また,外部データセンターのデータ蓄積量や,病院からデータセンターへ転送した画像の履歴などの長期アーカイバーの運用状況は,パスワードとトークンによる強固なセキュリティ対策をとった管理者専用PCから「医知の蔵」のポータルサイトにアクセスして,確認することができる。 同院では,このような仕様で「医知の蔵」の試験運用を行ってきたが,その安全性,信頼性が確認できたことから,2012年3月30日から本格運用を開始した。GE社では,これに合わせて,他社製PACSも「医知の蔵」に対応できるようにして,より多くの施設が利用しやすいようにサービスを拡充している。

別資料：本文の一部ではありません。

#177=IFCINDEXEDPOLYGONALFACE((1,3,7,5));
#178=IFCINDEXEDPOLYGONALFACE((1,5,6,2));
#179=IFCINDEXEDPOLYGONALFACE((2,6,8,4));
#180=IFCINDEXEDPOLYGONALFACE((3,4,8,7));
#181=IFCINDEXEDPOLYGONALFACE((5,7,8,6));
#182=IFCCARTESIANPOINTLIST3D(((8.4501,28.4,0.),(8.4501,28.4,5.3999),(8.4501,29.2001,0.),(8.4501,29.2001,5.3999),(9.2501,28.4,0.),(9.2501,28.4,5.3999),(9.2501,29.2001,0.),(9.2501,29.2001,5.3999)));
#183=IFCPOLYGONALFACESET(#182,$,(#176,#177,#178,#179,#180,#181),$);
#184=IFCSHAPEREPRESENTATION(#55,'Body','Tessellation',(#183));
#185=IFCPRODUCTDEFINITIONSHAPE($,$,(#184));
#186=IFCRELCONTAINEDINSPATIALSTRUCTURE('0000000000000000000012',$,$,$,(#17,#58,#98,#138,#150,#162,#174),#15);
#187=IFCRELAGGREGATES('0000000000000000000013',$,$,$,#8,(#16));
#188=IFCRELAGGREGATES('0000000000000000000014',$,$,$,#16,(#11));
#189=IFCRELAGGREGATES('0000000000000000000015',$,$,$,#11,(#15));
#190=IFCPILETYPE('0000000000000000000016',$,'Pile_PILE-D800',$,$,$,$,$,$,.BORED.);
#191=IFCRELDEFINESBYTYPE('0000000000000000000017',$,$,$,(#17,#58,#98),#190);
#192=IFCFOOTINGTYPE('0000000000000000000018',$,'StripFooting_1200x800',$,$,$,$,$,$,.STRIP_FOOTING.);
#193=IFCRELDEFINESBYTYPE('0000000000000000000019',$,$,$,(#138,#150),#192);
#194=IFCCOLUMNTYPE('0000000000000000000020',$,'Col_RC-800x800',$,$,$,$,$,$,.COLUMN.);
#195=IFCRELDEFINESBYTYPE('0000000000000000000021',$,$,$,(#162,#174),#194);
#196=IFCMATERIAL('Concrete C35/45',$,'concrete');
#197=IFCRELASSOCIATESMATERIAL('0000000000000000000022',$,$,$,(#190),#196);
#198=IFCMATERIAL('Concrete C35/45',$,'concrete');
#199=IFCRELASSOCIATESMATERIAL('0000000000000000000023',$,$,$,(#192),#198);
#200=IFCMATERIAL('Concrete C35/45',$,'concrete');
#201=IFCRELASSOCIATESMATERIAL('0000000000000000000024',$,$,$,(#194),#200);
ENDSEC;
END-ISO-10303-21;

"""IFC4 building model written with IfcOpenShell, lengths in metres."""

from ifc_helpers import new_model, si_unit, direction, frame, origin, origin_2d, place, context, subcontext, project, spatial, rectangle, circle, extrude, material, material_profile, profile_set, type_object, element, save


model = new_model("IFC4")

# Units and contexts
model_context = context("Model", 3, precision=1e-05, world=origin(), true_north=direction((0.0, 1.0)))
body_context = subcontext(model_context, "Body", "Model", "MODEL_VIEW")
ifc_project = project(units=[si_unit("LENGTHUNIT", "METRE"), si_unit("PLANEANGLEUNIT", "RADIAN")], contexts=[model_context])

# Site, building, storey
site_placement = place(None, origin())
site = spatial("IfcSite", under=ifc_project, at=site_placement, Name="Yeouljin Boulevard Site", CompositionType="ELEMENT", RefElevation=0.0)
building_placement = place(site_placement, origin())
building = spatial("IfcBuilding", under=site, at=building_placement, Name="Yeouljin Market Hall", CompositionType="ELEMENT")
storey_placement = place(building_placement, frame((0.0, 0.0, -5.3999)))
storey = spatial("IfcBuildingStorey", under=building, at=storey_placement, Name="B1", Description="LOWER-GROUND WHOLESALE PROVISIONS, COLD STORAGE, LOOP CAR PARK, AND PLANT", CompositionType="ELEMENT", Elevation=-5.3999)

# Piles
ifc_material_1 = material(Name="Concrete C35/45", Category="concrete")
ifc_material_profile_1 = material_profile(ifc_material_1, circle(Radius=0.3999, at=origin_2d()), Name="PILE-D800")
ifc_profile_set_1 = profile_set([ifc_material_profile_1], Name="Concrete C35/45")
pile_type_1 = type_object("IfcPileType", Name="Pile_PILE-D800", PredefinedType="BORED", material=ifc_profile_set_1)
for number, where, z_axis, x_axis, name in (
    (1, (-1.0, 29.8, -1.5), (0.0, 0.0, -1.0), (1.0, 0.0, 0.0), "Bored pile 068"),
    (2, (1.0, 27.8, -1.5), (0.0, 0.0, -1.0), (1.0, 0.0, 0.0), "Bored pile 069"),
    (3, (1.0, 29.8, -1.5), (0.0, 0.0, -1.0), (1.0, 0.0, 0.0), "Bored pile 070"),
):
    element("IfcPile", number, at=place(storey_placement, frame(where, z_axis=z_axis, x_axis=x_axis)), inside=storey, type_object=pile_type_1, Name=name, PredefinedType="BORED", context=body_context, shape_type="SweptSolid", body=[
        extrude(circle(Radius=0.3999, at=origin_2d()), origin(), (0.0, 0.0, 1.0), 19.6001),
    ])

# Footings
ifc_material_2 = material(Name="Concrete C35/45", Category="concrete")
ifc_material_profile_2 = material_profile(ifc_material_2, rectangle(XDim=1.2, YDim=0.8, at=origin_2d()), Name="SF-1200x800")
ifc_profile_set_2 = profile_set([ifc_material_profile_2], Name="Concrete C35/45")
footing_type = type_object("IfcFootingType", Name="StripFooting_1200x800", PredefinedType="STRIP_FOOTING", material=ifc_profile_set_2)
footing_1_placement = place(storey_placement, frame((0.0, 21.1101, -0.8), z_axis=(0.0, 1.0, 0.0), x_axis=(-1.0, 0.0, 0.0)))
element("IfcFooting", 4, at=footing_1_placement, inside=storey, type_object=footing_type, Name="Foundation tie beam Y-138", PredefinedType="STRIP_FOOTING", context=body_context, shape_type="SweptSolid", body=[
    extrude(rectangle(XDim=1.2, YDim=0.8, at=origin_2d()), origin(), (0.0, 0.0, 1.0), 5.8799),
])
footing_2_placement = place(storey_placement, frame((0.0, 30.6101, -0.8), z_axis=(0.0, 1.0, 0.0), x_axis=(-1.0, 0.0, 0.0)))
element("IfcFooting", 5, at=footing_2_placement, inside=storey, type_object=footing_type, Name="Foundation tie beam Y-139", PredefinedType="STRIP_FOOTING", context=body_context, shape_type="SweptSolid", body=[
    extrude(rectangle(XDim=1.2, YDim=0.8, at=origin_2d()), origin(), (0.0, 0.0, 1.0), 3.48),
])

試験運用から1年,本格運用から半年が過ぎた現在,Centricity PACSと医知の蔵ともに安定して利用できており,トラブルなどは発生していない。その一方で,「医知の蔵」採用のメリットも表れ始めている。富田技師は,「以前はデータのバックアップなどの日常的な運用管理や,データ欠損への不安がありましたが,『医知の蔵』によって,ストレージの空き容量を気にする必要がなく,メンテナンスや管理業務の負担が大幅に削減されました。データだけでなく,それに伴う管理業務もGE社に移行し,その分ほかの業務に専念できるようになっています」と述べている。また,清水技師長は,事業継続計画(BCP)の観点から,「医知の蔵」のメリットを挙げている。

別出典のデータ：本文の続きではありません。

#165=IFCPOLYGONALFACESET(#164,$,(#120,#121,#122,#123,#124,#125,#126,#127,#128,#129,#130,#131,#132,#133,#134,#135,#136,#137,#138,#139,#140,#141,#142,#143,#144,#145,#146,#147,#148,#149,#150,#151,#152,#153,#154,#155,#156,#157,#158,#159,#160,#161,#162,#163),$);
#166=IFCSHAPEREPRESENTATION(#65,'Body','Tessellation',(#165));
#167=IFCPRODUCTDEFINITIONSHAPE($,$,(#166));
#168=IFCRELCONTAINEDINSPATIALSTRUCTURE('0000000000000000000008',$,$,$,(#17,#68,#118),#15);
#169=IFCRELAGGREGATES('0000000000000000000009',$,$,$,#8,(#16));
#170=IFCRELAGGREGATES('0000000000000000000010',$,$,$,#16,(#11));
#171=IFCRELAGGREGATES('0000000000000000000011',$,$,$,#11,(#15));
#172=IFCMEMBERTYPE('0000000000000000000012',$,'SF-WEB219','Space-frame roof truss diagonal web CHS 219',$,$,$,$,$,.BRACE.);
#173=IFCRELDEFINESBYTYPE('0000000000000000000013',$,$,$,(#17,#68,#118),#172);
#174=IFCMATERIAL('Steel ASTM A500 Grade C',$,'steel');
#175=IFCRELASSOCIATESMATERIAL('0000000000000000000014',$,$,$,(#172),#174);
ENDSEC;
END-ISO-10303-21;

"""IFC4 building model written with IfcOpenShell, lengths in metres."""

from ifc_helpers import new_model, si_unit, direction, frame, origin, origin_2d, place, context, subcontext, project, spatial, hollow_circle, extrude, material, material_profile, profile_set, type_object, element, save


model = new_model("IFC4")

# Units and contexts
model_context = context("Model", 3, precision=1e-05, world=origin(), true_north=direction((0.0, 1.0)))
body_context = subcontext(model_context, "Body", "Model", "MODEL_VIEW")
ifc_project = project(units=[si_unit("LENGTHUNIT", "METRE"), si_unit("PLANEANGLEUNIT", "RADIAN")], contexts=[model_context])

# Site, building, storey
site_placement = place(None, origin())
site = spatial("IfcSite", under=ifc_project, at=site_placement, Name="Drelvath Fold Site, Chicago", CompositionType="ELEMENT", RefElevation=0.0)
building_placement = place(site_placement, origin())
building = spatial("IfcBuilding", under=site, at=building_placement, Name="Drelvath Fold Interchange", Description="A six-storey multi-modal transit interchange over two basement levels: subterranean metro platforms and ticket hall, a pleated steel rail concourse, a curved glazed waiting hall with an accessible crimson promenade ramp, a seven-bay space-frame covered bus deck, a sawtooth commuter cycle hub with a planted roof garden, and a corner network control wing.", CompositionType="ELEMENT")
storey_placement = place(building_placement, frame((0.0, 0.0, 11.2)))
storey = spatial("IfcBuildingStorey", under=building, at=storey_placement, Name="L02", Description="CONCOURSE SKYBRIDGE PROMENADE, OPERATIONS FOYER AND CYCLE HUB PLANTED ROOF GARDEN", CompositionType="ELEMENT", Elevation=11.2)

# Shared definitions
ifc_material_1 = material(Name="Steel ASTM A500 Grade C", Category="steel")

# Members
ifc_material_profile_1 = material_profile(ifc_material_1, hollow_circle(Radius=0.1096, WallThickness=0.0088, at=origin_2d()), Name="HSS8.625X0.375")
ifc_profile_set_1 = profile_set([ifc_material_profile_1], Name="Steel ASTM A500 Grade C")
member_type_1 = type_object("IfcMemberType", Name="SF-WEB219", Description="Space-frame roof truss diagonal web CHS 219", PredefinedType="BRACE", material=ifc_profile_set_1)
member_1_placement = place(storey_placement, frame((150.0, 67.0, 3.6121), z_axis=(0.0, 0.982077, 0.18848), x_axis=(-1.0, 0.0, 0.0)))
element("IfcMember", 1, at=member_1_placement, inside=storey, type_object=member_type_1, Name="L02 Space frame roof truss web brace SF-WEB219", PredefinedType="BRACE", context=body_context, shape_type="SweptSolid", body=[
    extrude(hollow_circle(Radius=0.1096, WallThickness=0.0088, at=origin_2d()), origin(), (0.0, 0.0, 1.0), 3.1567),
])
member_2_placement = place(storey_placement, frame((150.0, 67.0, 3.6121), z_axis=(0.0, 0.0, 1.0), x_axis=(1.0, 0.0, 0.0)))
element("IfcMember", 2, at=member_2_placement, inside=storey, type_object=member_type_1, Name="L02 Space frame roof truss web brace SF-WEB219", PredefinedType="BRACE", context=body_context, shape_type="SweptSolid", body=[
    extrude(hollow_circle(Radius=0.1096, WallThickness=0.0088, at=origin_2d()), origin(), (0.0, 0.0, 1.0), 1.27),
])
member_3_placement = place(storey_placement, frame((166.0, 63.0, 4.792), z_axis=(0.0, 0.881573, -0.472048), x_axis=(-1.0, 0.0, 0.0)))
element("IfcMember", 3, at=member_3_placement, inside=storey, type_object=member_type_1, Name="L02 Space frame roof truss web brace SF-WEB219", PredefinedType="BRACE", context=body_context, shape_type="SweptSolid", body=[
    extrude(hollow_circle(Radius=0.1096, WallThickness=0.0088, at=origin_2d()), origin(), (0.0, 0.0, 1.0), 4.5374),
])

「病院にとって重要なデータが,外部のデータセンターに二重でバックアップされているのは,非常に心強いことです。災害時でも速やかにデータにアクセスすることで,被災した患者の診断,治療に役立てることができます」
埼玉県北部保険医療圏の地域中核病院の役割を担う同院にとって,「医知の蔵」で災害時にも診療を止めない環境を構築できたことは,大きな意義があるだろう。
■「医知の蔵」を活用して地域中核病院の使命を果たす
順調に運用している「医知の蔵」であるが,清水技師長は費用対効果の評価を行う予定でいる。導入前の試算では,10年間院内でデータ保存した場合と比較して,大幅に運用コストを削減できるという結果が出た。そこで,これから保守費用なども含めて,TCOの削減効果について,より詳細な分析をしていく。
その上で,今後の展開として,「医知の蔵」の長期アーカイバーは,画像の種別や患者年齢などに応じて,データ保存期間を設定して,対象データを期間経過後に自動的に再圧縮や削除するルール設定機能も有しており,無駄のない運用が可能なので,このような機能を活用し,さらなる高効率,低コスト化を図りつつ,地域中核病院の使命を果たすための,安全な医用画像管理に取り組んでいく。